This was an early build season project to detect the game pieces on the ground for easy pick up. It calculate rotation in the x degrees and runs using a cheap $4 camera, so the fps isn’t to brag about. It separately tracks each coloured disk, returning the value of the closest disk for each colour. The other programmer on our team was working on automating pick up, but our team decided that we weren’t going to have a floor pick up.
We created a program to do this also. The programmers found a little spare time and figured it might be useful. We ended up not using it, but the concept is very cool!
You just can’t post something like this and leave no details, it’s just not nice!
OK, you got my interest piqued. I have just completed coding up a target tracking system using a PCDuino running Ubuntu and OpenCV. I’m getting approx. 20 fps of solid tracking data back to LabView. That is tracking rectangular targets. Total cost for PCDuino, Microsoft WebCam and class 10 uSD card: ~$95. That is far less expensive than a new Network camera.
While working on this project, I realized it is more than likely that I will want to also locate circular targets some time in the near future. (Maybe sooner than I think (2014???) )
So, how did you go about getting these targets located?

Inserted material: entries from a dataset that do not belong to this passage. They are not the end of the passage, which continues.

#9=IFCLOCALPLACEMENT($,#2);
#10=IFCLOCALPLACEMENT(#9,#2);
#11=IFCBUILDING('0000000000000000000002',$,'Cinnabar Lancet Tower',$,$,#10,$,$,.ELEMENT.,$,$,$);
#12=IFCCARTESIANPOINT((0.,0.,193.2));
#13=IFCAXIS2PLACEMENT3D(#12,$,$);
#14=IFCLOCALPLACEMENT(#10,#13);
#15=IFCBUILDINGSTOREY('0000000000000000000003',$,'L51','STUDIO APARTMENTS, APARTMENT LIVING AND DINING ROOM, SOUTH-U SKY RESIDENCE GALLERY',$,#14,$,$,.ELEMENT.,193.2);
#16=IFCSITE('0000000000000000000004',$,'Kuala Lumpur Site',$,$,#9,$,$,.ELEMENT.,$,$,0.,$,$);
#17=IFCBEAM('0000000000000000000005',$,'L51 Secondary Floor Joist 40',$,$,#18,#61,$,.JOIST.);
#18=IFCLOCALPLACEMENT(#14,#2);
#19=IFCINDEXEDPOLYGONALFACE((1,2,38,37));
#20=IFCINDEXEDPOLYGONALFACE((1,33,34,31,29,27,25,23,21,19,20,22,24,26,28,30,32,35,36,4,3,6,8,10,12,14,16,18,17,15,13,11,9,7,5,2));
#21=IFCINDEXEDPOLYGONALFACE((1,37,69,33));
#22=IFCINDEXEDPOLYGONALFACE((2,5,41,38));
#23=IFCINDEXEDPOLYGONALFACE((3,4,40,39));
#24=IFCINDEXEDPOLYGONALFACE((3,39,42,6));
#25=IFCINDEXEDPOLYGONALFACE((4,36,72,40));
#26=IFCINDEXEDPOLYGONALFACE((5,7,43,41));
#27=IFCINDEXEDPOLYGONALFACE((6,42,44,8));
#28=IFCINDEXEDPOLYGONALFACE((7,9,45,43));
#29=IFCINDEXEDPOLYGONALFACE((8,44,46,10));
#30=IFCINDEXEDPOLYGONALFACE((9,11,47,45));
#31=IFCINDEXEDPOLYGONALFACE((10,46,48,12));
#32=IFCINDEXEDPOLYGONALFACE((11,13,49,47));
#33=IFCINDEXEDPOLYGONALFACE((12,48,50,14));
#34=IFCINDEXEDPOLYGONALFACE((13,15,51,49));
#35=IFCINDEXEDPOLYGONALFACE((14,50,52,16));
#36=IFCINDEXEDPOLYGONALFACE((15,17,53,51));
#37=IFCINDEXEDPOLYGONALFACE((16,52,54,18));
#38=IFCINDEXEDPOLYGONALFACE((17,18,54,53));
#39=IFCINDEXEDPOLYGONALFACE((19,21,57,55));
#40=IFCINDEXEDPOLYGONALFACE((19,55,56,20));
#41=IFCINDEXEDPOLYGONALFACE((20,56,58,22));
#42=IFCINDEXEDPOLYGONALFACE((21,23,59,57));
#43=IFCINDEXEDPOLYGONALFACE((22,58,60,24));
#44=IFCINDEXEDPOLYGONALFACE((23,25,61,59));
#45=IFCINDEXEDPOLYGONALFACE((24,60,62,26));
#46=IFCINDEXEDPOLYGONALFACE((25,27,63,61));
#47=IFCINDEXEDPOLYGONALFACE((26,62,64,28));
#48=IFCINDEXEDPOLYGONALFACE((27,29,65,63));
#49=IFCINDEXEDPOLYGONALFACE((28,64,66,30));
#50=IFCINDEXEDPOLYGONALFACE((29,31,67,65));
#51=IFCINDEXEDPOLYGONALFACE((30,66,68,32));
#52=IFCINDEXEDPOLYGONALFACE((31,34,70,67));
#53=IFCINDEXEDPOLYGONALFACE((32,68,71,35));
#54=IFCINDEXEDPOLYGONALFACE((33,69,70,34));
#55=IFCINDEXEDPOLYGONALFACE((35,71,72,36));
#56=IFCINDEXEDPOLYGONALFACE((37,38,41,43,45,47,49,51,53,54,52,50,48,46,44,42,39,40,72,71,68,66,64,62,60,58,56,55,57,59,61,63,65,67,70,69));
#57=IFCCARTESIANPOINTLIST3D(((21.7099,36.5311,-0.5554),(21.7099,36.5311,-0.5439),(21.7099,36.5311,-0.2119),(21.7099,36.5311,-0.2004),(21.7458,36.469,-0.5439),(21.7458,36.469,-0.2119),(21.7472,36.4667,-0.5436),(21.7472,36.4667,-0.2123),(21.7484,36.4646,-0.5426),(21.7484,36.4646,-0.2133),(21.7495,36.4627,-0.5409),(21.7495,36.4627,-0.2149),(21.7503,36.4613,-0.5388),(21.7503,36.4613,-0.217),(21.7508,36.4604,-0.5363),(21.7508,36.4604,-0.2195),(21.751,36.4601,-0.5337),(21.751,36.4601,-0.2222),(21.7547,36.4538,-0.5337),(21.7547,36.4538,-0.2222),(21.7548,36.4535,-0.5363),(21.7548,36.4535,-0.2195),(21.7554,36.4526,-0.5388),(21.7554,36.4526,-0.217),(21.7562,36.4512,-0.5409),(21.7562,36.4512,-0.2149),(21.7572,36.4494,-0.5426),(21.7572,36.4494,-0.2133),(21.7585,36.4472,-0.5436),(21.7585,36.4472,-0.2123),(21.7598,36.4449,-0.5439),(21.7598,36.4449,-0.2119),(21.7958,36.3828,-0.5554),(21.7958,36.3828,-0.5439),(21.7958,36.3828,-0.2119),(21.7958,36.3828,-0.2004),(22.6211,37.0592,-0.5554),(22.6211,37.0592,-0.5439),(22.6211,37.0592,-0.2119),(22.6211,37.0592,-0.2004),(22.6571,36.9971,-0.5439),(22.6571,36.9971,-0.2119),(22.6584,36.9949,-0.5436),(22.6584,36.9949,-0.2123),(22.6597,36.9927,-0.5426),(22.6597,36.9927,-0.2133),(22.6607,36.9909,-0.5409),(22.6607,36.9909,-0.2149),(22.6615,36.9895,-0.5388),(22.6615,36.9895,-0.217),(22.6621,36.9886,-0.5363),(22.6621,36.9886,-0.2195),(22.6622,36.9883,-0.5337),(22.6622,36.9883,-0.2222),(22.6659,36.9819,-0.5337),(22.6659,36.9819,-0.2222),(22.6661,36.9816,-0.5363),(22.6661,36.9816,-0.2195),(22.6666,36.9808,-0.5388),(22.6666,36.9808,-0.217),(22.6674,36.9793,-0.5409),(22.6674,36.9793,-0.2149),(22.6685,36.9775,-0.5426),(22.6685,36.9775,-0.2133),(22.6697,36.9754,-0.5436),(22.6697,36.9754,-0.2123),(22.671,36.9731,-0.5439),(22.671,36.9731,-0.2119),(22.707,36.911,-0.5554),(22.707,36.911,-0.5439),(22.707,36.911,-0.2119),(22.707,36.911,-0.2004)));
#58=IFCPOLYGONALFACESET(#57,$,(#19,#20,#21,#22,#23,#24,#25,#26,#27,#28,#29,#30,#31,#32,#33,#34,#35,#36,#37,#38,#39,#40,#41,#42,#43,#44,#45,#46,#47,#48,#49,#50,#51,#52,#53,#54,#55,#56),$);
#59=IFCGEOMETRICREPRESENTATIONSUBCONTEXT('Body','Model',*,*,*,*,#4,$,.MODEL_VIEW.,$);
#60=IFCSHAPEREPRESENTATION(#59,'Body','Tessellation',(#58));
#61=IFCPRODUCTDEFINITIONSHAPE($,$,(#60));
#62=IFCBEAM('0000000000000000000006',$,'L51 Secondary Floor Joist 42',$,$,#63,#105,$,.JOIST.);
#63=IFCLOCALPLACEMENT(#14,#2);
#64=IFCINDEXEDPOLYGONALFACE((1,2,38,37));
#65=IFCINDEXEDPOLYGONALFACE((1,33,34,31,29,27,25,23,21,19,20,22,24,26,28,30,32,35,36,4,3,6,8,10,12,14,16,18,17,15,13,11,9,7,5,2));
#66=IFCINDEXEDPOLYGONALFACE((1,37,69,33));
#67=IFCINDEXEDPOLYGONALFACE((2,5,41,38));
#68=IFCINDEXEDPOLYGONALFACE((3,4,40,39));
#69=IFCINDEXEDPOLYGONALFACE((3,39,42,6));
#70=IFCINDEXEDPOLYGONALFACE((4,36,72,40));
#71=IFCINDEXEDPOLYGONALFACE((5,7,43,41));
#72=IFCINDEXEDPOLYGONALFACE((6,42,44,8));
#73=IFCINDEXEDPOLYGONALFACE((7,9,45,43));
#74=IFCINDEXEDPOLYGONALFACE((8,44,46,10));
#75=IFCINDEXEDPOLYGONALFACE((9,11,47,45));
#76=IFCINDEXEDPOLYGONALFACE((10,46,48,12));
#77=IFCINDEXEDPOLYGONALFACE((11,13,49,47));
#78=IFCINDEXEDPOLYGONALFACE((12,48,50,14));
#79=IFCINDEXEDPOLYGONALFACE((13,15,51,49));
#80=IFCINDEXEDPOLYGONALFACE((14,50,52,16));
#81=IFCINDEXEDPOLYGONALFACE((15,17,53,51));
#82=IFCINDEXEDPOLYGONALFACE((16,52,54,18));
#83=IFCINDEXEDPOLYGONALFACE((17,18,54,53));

When I ran it with a kinect, they fps was about 20, so it was indeed the camera.
I used ubuntu 12.10 with the newest version of the opencv libraries.
I captured a RGB image, then converted it to HSV, then split the HSV into 3 images, H, S, and V. Then thresholded to eliminate all but one color (red, white or blue). Now it is a binary image, which opencv likes. I found the contours of the image using cvFindContours, and found the centers of each contour by using image moments. (tutorial found here:http://www.aishack.in/2010/07/tracking-colored-objects-in-opencv/) -note- this guy, who I admire a lot, used
CvMoments moments = (CvMoments)malloc(sizeof(CvMoments));
cvMoments(imgYellowThresh, moments, 1);
where I replaced my source from being an entire image to just the contour, so I could track multiple things at once. so mine code read
CvMoments moments = (CvMoments)malloc(sizeof(CvMoments));
cvMoments(Contour, moments, 1);
That gives subpixel accuracy for the center. Moving on. To draw the circle, I used cvApproxPoly, and said that if the result > 5, then I am going to make the assumption it is a circle, if it has < 5 sides, I don’t like it.
The next step is fitting a box around the contours. Then drawing the largest ellipse possible within that box. That ellipse is what is coloured on the image.
I’ll post the program up here whenever I get a chance to take it from a computer at school.
Also, I only saved the frisbee that was closest to the camera per colour. So which one was lowest on the screen. Which one had the largest y value (opencv’s coordinate plane is positive x to the right, positive y down). It was a simple algorithm that I actually used a lot in tracking the alliance wall:
cvPoint CurrentFrisbee;
double PrevClosestFrisbee = 0;
if(CurrentFrisbee.y > PrevClosestFrisbee)
{
PrevClosestFrisbee = CurrentFrisbee;
}
A very simple yet very powerful conditional statement.
If you have anymore questions I’d love to answer them.
<3 ratchet rockers
We did a similar thing. Located here: https://www.youtube.com/watch?v=5HTD8F_1ezM
Check out the description in the youtube link to get information about it.